KFSN-TV reported that alongside the alleged stolen merchandise, CHP said they also found “tools used to remove anti-theft devices.”
“CHP investigators will continue to work proactively with our loss prevention partners, allied agencies, and prosecutors through the holidays to combat organized retail crime throughout California,” CHP said in a press release sent to KFSN-TV.
Los Angeles County Police Find $1M In Stolen Beauty Products Tied To Theft Ring.
The organized theft ring targeted popular retailers such as Sephora and Ulta Beauty, police said. A 48-year-old woman faces charges.https://t.co/BfIcVy2lwM
— Tommy Lightfoot Garrett (@LightfootInHwd) December 28, 2023
The problem of organized crime is so significant that large retail firms will organize another state-wide campaign to reimpose California’s tough-on-crime laws.
Next year voters could have the chance to reconsider one of criminal-justice advocates’ biggest accomplishments: a 2014 ballot initiative that downgraded drug and property crimes from felonies to misdemeanors.
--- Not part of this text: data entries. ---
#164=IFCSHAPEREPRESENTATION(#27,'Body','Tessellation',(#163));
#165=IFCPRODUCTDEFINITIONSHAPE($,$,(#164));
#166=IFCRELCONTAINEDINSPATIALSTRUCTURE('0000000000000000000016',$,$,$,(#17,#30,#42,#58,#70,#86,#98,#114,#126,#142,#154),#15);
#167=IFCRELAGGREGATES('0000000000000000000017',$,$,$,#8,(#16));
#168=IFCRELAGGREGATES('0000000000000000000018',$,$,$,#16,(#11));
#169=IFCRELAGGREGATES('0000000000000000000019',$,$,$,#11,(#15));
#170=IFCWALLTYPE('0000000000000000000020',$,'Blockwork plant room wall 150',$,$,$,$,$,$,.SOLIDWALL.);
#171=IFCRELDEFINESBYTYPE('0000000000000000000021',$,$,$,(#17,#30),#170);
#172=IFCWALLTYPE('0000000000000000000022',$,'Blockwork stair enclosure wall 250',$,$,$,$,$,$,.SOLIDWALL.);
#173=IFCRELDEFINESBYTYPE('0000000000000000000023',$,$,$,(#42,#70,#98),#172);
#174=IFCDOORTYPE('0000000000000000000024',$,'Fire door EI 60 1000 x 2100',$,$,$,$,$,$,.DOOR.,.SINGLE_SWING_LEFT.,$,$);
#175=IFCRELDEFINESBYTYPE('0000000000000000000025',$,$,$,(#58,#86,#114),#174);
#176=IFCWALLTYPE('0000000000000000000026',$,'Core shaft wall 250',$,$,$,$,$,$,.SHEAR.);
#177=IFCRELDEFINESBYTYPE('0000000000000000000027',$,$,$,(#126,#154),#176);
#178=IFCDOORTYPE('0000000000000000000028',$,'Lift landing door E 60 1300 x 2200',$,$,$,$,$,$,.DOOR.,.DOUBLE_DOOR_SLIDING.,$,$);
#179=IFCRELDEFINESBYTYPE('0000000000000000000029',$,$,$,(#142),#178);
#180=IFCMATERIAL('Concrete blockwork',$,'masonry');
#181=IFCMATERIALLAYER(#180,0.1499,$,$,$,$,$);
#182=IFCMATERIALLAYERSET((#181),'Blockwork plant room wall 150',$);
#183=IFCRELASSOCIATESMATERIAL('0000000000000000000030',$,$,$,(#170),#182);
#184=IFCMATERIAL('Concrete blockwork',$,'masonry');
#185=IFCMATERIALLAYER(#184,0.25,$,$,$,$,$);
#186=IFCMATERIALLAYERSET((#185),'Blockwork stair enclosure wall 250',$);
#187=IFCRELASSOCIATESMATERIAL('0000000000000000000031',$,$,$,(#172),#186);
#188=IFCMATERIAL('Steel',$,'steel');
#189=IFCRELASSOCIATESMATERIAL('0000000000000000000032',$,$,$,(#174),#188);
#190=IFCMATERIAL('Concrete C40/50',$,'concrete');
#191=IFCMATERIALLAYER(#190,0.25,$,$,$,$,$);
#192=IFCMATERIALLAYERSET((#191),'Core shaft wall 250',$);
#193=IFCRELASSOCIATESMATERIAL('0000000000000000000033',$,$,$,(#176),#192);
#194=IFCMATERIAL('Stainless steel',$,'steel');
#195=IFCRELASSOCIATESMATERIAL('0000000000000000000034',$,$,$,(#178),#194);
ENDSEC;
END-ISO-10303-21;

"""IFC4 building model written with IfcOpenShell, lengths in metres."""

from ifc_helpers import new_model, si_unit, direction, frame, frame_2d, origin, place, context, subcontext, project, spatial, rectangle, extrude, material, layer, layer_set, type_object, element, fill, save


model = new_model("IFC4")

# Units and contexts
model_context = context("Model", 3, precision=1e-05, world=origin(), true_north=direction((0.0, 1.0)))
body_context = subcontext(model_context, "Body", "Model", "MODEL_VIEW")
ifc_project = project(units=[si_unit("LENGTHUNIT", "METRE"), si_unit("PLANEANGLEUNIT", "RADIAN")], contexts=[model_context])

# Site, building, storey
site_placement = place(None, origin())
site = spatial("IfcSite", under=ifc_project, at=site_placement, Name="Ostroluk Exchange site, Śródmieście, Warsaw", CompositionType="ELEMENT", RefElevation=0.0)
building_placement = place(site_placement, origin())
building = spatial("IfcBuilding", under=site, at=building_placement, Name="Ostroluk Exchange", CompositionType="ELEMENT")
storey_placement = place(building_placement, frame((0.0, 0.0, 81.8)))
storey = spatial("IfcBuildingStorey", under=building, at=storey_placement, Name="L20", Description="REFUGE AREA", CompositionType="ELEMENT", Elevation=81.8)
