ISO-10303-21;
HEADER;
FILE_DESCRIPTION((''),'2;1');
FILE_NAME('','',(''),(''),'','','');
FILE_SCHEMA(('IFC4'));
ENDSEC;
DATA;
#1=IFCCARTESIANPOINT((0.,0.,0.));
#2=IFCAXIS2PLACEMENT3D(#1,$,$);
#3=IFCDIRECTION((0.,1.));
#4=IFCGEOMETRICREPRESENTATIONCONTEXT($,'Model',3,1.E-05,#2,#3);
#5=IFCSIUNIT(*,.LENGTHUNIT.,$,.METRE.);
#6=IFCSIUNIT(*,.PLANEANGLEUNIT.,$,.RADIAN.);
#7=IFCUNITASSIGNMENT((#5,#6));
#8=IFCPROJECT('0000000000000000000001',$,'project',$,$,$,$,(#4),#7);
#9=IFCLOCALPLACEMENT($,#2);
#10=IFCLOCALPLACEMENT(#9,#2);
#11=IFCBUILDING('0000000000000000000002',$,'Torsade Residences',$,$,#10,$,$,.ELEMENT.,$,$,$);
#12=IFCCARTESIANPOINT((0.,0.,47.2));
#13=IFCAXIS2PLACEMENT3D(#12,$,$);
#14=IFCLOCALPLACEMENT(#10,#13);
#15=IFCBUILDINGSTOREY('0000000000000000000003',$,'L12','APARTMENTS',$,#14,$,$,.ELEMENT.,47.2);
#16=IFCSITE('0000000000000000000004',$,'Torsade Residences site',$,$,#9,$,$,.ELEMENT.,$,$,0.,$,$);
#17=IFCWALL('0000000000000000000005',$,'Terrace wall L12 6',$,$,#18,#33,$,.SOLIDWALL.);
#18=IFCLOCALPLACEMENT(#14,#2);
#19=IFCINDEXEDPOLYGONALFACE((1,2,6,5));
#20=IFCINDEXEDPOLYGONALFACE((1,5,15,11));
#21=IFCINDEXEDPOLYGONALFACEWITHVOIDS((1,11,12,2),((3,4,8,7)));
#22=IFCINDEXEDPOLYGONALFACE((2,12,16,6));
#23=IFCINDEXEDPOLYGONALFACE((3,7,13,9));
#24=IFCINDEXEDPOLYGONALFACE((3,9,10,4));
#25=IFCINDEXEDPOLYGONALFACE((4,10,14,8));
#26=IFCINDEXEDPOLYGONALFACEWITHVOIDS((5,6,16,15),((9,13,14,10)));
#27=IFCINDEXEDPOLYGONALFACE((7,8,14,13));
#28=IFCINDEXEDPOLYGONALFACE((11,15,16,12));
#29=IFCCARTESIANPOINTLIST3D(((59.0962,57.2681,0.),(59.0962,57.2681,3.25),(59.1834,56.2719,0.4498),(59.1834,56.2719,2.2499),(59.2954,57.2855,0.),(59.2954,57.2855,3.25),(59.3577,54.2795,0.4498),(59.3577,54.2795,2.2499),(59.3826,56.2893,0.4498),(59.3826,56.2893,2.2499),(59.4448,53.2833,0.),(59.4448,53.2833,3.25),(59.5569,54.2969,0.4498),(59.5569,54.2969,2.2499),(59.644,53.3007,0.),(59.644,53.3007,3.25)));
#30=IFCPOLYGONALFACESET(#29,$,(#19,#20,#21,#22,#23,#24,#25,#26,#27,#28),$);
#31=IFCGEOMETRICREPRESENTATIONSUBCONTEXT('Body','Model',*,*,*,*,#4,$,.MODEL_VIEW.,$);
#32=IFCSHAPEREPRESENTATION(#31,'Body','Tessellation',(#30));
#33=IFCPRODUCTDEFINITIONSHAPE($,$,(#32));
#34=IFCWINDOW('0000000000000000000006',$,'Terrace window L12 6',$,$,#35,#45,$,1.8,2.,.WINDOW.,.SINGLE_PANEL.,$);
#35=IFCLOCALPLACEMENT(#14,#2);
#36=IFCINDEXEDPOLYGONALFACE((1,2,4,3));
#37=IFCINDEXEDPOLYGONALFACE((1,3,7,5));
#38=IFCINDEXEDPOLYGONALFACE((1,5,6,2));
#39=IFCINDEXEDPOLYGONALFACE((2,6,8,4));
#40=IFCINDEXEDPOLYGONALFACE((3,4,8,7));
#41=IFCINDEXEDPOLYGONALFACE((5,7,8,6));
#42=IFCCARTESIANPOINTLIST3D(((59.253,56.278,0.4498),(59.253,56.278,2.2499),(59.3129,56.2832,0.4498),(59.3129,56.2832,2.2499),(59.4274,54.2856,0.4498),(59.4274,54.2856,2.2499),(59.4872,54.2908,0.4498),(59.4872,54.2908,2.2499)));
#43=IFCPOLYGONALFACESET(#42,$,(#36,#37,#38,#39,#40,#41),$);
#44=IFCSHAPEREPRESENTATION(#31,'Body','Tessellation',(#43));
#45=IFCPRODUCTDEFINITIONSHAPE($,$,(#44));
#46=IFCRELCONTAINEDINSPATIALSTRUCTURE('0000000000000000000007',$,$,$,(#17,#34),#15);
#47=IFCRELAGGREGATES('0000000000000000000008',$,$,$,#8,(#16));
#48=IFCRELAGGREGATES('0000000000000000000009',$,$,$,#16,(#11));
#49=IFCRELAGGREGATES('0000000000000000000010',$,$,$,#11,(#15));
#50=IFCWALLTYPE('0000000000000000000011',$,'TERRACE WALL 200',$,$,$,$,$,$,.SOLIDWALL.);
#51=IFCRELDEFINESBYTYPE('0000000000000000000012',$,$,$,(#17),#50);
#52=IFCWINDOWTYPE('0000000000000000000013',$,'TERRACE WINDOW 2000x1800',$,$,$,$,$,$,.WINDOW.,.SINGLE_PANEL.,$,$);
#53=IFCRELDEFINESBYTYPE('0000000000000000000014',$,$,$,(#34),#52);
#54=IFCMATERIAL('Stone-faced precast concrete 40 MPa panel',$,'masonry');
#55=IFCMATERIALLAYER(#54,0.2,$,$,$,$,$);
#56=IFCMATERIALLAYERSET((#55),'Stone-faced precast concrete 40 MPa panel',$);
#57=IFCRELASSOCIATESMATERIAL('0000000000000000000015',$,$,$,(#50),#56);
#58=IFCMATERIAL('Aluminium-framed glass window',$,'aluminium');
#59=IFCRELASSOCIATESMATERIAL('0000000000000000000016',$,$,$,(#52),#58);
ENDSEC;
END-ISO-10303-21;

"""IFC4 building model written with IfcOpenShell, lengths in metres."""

from ifc_helpers import new_model, si_unit, direction, frame, frame_2d, origin, place, context, subcontext, project, spatial, rectangle, extrude, material, layer, layer_set, type_object, element, fill, save


model = new_model("IFC4")

# Units and contexts
model_context = context("Model", 3, precision=1e-05, world=origin(), true_north=direction((0.0, 1.0)))
body_context = subcontext(model_context, "Body", "Model", "MODEL_VIEW")
ifc_project = project(units=[si_unit("LENGTHUNIT", "METRE"), si_unit("PLANEANGLEUNIT", "RADIAN")], contexts=[model_context])

# Site, building, storey
site_placement = place(None, origin())
site = spatial("IfcSite", under=ifc_project, at=site_placement, Name="Torsade Residences site", CompositionType="ELEMENT", RefElevation=0.0)
building_placement = place(site_placement, origin())
building = spatial("IfcBuilding", under=site, at=building_placement, Name="Torsade Residences", CompositionType="ELEMENT")
storey_placement = place(building_placement, frame((0.0, 0.0, 47.2)))
storey = spatial("IfcBuildingStorey", under=building, at=storey_placement, Name="L12", Description="APARTMENTS", CompositionType="ELEMENT", Elevation=47.2)

# Wall, opening, window
ifc_material_1 = material(Name="Stone-faced precast concrete 40 MPa panel", Category="masonry")
ifc_layer_1 = layer(ifc_material_1, 0.2)
ifc_layer_set_1 = layer_set([ifc_layer_1], Name="Stone-faced precast concrete 40 MPa panel")
wall_type_1 = type_object("IfcWallType", Name="TERRACE WALL 200", PredefinedType="SOLIDWALL", material=ifc_layer_set_1)
wall_1_placement = place(storey_placement, frame((59.5444, 53.292, 0.0), z_axis=(0.0, 0.0, 1.0), x_axis=(-0.087156, 0.996195, 0.0)))
wall_1 = element("IfcWall", 1, at=wall_1_placement, inside=storey, type_object=wall_type_1, Name="Terrace wall L12 6", PredefinedType="SOLIDWALL", context=body_context, shape_type="SweptSolid", body=[
    extrude(rectangle(XDim=4.0, YDim=0.2, at=frame_2d((2.0, 0.0))), origin(), (0.0, 0.0, 1.0), 3.25),
])
opening_1_placement = place(wall_1_placement, frame((1.0, 0.0, 0.45)))
opening_1 = element("IfcOpeningElement", 2, at=opening_1_placement, cuts=wall_1, PredefinedType="OPENING", context=body_context, shape_type="SweptSolid", body=[
    extrude(rectangle(XDim=2.0, YDim=1.8, at=frame_2d((1.0, 0.8999))), frame((0.0, 0.1099, 0.0), z_axis=(0.0, -1.0, 0.0), x_axis=(1.0, 0.0, 0.0)), (0.0, 0.0, 1.0), 0.22),
])
ifc_material_2 = material(Name="Aluminium-framed glass window", Category="aluminium")
window_type = type_object("IfcWindowType", Name="TERRACE WINDOW 2000x1800", PartitioningType="SINGLE_PANEL", PredefinedType="WINDOW", material=ifc_material_2)
window_placement = place(opening_1_placement, origin())
window = element("IfcWindow", 3, at=window_placement, inside=storey, type_object=window_type, Name="Terrace window L12 6", OverallHeight=1.8, OverallWidth=2.0, PartitioningType="SINGLE_PANEL", PredefinedType="WINDOW", context=body_context, shape_type="SweptSolid", body=[
    extrude(rectangle(XDim=2.0, YDim=1.8, at=frame_2d((1.0, 0.8999))), frame((0.0, 0.03, 0.0), z_axis=(0.0, -1.0, 0.0), x_axis=(1.0, 0.0, 0.0)), (0.0, 0.0, 1.0), 0.0601),
])
fill(opening_1, window)

save(model, "model.ifc")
Law enforcement officials are once again leading the push in this deep blue state to restore the penalties despite voters decisively rejecting a similar ballot measure in 2020.
Now those same law-enforcement officials are finding interest from potential new allies. Walmart has funneled $500,000 to the ballot initiative and a legislative leader has launched a committee that will examine retail crime and possibly ask voters to amend the law.
“This isn’t an abstraction anymore. This is something people see and experience,” said Daniel Conway of the California Grocers Association, which represents major companies like Costco and Safeway and is again calling for tougher laws after backing the unsuccessful 2020 measure. “People see folks pushing shopping carts out. They see people taking things, or they see security guards in front of their local grocery store.”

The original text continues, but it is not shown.